# Free Standing Salad Bowl



## john lucas (Sep 18, 2007)

This is a piece I made in 2004. I had to shoot it because I'm donating it to an art auction. They use the money for scholarships for music and art students. It is red maple and the bowl is about 14 to 16" and the stool about 32"


----------



## toolman Steve (Jun 11, 2009)

Nice work , I hope it goes for good money . the kids must really like the support .


----------



## jdixon (Nov 21, 2007)

John that is really nice. That bowl is beautiful. Wonderful grain running through it. Great picture too, by the way!

John


----------



## firehawkmph (Apr 26, 2008)

Very nice John.
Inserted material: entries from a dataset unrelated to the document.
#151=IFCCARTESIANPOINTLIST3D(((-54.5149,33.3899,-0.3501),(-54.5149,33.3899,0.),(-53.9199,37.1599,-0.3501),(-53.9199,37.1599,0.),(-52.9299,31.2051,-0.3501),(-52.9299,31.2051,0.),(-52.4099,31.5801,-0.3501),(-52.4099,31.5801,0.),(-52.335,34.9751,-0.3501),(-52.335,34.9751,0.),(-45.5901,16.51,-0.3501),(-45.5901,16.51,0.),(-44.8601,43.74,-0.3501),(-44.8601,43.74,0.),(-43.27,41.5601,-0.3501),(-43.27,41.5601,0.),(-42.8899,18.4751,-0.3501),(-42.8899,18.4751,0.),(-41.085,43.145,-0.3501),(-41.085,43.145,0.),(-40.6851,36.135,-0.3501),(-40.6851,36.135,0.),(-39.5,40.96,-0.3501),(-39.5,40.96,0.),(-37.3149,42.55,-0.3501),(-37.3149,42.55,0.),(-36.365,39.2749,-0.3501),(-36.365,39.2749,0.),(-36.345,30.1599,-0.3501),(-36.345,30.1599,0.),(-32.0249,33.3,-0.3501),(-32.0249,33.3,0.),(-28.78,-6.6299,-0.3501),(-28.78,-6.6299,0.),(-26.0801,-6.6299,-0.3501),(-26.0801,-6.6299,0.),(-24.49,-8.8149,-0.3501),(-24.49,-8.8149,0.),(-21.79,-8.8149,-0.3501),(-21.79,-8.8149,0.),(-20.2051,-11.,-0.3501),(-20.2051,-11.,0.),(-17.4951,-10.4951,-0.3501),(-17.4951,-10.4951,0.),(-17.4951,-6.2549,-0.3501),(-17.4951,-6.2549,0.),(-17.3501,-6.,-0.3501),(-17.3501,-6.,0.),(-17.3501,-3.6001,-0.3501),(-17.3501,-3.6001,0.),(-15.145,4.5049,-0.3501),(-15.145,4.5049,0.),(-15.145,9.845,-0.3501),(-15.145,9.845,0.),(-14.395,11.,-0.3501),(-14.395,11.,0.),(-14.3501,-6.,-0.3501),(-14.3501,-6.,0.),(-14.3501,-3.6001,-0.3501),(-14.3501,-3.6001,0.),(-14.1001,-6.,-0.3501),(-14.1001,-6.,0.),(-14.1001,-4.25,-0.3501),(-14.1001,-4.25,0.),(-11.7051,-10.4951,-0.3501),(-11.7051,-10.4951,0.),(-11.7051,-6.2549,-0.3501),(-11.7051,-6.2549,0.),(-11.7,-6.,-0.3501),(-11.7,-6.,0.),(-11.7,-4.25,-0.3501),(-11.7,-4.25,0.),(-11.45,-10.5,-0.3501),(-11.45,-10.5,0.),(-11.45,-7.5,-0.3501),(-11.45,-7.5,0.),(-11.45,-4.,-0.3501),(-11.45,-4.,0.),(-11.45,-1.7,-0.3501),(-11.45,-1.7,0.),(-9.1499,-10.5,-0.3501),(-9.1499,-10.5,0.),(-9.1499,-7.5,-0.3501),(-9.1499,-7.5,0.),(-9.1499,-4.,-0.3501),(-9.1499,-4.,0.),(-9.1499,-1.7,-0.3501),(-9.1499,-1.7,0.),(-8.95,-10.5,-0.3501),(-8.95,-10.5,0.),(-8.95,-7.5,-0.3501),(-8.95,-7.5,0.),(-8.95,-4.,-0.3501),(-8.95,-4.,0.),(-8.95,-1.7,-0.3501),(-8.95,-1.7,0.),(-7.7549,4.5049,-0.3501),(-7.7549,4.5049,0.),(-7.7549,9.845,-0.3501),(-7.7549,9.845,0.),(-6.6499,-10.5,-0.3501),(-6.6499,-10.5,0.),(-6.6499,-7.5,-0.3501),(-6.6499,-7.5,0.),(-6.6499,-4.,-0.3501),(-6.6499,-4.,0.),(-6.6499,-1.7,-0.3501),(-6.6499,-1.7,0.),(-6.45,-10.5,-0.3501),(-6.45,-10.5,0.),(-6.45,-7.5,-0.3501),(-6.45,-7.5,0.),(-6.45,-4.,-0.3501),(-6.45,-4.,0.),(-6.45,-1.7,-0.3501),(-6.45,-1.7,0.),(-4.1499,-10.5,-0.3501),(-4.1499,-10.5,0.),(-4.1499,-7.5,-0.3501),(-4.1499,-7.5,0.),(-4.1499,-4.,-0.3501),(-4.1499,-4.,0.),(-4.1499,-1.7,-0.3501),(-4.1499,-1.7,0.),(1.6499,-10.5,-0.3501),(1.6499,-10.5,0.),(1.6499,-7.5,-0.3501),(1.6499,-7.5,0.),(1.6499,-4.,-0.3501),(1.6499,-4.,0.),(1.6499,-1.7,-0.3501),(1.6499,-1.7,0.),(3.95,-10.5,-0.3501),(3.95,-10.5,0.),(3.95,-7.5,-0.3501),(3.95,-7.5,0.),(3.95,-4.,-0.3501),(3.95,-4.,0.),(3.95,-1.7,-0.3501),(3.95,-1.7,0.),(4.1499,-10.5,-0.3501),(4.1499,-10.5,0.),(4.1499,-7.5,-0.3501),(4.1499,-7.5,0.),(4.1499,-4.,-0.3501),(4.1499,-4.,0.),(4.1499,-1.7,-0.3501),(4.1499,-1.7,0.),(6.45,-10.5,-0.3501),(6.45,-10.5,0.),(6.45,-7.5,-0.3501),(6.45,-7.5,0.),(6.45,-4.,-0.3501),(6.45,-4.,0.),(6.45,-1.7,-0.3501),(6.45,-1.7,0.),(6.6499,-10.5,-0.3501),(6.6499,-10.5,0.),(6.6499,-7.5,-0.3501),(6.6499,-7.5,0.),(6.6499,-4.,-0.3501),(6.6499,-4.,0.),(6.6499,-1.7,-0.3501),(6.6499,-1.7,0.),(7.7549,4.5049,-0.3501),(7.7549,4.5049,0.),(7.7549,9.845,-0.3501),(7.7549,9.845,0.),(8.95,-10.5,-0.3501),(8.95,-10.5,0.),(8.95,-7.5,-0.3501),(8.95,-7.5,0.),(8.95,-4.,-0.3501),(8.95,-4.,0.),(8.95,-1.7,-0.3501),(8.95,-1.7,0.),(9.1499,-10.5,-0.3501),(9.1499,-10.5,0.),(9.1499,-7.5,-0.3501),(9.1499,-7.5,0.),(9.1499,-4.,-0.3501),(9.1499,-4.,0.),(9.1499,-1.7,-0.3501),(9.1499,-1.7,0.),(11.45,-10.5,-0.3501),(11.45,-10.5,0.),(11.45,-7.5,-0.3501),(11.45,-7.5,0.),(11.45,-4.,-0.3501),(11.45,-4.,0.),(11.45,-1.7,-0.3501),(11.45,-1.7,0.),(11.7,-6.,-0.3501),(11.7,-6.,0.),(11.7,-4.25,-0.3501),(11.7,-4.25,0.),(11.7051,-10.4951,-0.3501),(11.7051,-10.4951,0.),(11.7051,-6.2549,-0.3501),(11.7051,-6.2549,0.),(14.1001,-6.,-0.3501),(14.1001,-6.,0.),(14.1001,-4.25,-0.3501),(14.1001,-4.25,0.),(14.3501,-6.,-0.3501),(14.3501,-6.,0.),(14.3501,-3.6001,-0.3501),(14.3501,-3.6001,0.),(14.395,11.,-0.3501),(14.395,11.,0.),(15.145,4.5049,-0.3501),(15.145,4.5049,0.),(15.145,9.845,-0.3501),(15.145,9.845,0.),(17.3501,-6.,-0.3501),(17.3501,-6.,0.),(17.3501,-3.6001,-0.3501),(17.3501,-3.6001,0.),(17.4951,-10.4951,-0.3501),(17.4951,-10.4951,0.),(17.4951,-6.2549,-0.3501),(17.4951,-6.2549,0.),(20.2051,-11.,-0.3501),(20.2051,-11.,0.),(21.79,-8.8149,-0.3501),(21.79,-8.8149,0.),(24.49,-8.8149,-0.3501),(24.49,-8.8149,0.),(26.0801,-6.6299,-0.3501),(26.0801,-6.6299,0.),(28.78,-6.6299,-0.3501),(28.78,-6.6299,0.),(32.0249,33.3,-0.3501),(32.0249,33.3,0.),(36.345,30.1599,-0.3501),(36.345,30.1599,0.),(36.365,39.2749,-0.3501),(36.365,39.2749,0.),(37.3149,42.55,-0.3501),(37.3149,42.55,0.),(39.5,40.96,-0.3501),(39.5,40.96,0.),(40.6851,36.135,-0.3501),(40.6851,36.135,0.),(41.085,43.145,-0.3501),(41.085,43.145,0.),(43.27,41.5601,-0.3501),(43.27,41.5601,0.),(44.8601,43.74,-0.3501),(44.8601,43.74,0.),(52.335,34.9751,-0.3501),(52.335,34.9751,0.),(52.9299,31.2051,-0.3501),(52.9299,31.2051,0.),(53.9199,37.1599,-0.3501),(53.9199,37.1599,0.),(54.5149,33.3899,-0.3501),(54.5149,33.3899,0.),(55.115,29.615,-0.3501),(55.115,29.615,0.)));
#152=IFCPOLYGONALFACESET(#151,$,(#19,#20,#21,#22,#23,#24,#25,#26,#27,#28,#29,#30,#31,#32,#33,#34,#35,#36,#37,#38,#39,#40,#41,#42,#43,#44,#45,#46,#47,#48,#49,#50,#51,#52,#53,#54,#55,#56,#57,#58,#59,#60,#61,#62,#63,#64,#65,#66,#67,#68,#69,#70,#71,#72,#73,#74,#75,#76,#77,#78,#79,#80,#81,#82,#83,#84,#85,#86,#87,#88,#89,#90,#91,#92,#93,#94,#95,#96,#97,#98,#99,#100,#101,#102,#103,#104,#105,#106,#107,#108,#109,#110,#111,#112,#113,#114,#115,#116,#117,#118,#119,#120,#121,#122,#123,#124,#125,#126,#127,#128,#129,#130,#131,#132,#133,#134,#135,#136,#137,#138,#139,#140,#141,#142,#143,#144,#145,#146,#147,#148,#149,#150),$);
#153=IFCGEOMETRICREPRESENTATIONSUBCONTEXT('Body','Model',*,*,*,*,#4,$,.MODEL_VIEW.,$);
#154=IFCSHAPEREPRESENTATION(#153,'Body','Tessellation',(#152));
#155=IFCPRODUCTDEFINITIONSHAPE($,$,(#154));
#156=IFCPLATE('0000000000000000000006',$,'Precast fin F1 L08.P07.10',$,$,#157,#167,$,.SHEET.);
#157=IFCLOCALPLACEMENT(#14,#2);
Hard to believe maple has so many different looks. One of my favorite woods.
Mike Hawkins


----------



## Jeff4woodturning (Feb 1, 2009)

Very nice piece. well done.


----------



## toolman Steve (Jun 11, 2009)

I just came back from the little village near me .One of the shops had the whole set the stool, bowl,4 small bowls and salad forks .
It was sold waiting to be picked up , For the unbelievable price of $45.00 I guss the didn't know what they had. I could not tell the wood from outside. and could not get my cheir in the shop. but it looked very nice.


----------



## john lucas (Sep 18, 2007)

Whew glad I'm not selling bowls in that area. I went to the auction today. It sold for $300. Still a little low for the work involved but in my area that's probably the going price.


----------